De lo anterior bien aprendimos que somos materia, idealizamos el porvenir sin conocerlo, sin vislumbrarlo, sin meditar siquiera como los griegos o los romanos, damos cátedra lo mismo de béisbol que de política, de recetas para la decepción amorosa que también para salvaguardarnos de los toques insistentes en domingo muy temprano de quienes pregonan ilusiones ilegítimas.
Quienes tuvimos la oportunidad de haber disfrutado pedalear una bicicleta en la infancia de inocencias en un pueblo con polvo y bochorno diario, sabemos la brisa que golpeaba nuestro rostro desde la orilla del mar; por los cuatro costados de una Isla maravillosa y semipoblada en esos años; los sesentas, era la quietud de la sabiduría.
Hace algún tiempo, en la soledad de mis atardeceres sin presente, en las calamidades de la incertidumbre, en esos seis meses confrontados con interrogantes aún no respondidas, sin mediar explicaciones coherentes, abandonados en el sofá de un reducido espacio, cuestionado en mi interior y por supuesto en el exterior de mis alrededores, visualizar un poco más allá de ese horizonte futurista.
Hoy podemos estar en otro ámbito de las personas y las cosas, donde el trajín de los caminos, largos en distancia, por cierto, dan como resultante un cansancio que no habíamos logrado percibir en otros años, pueden ser la suma de esas acumulaciones o el letargo de un hastío por los deberes en las obligaciones con tintes de no retorno.
Leer y compartir experiencias desde los otros acompañamientos, donde el tiempo lo cuestionamos, lo atesoramos, lo medimos y hasta lo ignoramos sin querer, pasando por alto algunas veces los vencimientos inevitables, muchos de ellos desvelando los sueños inacabados.
Tenemos al pretérito que recién se ha ido, una inagotable fuente de esos placeres no confesados e historia individual que bien podríamos haber reconocido el domingo pasado, en familia, en corto, ante la mirada casi furtiva de mi hijo mayor, Fernando, quien me invitaba a descubrir juntos la historia de más que un número, más que una aventura, una similitud en casi todos los sentidos.
Las interrogantes llegaron sin bicicleta, con ese color verde que cambiaba de tonalidades en la infancia, con un pequeño taller en la inventiva natural de los pocos años junto a mi madre y padre, con una hermana que ha sido ejemplo desde siempre y un hermano menor que hace más falta que el agua en la regadera por las mañanas.

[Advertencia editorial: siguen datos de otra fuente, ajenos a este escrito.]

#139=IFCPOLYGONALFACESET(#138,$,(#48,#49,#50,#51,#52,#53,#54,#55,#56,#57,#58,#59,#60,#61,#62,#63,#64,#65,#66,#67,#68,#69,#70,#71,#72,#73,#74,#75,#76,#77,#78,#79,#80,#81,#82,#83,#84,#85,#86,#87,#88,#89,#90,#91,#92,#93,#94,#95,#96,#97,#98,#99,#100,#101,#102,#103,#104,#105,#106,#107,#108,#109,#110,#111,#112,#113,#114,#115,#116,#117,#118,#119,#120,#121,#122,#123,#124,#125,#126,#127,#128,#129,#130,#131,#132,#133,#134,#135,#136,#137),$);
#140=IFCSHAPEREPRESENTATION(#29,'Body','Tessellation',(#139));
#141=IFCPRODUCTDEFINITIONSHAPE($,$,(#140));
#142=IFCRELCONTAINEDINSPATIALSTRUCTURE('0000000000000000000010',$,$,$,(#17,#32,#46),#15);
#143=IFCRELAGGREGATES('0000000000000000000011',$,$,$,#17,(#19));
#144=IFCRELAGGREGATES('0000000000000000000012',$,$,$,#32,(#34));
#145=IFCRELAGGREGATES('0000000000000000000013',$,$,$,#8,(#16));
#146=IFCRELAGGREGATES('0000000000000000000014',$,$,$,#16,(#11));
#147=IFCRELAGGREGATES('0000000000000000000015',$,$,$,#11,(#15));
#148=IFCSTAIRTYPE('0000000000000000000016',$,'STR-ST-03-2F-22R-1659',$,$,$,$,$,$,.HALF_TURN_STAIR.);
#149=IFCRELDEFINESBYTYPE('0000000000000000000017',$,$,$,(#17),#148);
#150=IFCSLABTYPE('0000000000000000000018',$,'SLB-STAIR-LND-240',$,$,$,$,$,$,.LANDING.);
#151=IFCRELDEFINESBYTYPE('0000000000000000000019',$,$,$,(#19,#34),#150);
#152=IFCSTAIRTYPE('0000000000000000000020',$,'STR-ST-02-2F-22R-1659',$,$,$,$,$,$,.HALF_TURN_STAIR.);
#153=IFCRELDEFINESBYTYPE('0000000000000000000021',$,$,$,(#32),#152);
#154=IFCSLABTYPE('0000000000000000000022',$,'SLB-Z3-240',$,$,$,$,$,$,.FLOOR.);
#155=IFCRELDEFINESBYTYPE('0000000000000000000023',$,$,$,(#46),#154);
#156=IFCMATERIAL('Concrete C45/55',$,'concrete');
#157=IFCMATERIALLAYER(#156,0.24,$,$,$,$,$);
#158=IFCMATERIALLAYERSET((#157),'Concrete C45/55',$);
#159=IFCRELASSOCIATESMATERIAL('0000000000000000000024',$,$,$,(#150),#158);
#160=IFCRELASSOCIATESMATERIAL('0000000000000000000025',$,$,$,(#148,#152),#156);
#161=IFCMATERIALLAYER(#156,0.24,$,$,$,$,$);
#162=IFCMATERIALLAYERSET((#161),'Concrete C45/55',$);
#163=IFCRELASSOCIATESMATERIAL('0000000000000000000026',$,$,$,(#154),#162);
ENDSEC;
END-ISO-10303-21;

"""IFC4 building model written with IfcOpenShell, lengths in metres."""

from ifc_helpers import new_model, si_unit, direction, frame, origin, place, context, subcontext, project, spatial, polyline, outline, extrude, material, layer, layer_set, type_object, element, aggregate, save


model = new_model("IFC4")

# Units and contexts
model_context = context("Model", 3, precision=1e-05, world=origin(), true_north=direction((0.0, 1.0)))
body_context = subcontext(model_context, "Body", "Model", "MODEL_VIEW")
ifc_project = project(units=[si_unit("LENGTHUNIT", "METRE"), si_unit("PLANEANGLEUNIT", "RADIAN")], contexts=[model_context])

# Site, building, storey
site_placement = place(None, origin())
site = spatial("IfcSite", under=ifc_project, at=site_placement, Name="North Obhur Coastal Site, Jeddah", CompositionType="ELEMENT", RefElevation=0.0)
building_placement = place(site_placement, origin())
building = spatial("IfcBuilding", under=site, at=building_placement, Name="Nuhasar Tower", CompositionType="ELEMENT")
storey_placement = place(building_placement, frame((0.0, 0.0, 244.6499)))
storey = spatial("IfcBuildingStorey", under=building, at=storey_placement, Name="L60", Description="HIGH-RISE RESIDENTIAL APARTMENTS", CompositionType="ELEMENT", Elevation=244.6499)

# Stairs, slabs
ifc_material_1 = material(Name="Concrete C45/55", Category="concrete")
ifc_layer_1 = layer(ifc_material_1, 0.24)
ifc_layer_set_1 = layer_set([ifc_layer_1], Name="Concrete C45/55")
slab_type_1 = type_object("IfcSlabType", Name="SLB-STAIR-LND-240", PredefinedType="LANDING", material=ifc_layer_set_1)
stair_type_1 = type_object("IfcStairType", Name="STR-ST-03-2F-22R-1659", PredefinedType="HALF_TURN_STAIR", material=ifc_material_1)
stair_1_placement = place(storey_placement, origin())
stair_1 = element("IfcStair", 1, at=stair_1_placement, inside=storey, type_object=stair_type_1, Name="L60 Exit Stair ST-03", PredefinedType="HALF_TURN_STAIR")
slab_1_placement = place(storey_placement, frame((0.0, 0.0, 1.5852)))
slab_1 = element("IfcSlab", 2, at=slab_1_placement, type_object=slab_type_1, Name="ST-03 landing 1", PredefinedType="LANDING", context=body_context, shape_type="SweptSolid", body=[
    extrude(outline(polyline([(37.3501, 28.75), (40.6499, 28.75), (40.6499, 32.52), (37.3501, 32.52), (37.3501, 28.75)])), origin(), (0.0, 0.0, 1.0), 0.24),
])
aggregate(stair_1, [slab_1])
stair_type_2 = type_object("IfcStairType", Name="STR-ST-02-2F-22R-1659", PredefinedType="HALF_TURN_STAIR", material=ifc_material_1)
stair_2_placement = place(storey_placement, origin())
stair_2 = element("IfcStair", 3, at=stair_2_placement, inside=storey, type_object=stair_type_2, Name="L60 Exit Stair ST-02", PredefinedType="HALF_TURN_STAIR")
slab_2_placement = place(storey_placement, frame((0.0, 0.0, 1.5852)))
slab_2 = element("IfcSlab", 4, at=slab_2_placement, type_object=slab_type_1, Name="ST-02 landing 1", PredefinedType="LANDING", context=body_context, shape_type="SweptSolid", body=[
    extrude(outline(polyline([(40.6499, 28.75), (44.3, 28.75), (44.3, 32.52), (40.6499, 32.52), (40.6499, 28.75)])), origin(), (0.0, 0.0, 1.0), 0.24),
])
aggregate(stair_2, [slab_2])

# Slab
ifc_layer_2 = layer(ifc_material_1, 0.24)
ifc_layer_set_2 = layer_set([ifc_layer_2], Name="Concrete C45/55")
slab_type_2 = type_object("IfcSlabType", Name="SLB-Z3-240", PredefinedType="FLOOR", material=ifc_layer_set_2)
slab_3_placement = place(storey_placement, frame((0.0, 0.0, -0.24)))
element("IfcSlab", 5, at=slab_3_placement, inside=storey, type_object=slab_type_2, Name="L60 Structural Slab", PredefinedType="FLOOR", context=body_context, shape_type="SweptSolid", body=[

En el tecleo natural de las vivencias, en los nombres propios y apellidos sin apelativos, está el concurso de esos avatares, diezmados por la confrontación de los placeres de la carne, en la postrimería de un otoño por llegar sin alas ni viento a favor, con más canas que ganas, con más reticencias que dolores con color y sabor a río.
Somos mucho más que dos en las calles, solía escribir el poeta Benedetti en algún verso infinito en el recuerdo de la juventud, en esa tregua de insospechada felicidad torcida por la muerte, cegada por la pasión del pensamiento, pero sobre todo permisible ante lo mundano de la rutina.
No creemos que podamos estar jubilados del todo un día, pensarnos el día siguiente, la hora siguiente, la aparición o reaparición no augurada, nos lleva al encanto o desencanto para seguir leyendo, abrevando historias, palabras, frases, pero sobre todo conversaciones con autonomía y libertad, sin ataduras de lo ridículo de un freno innecesario por el qué dirán.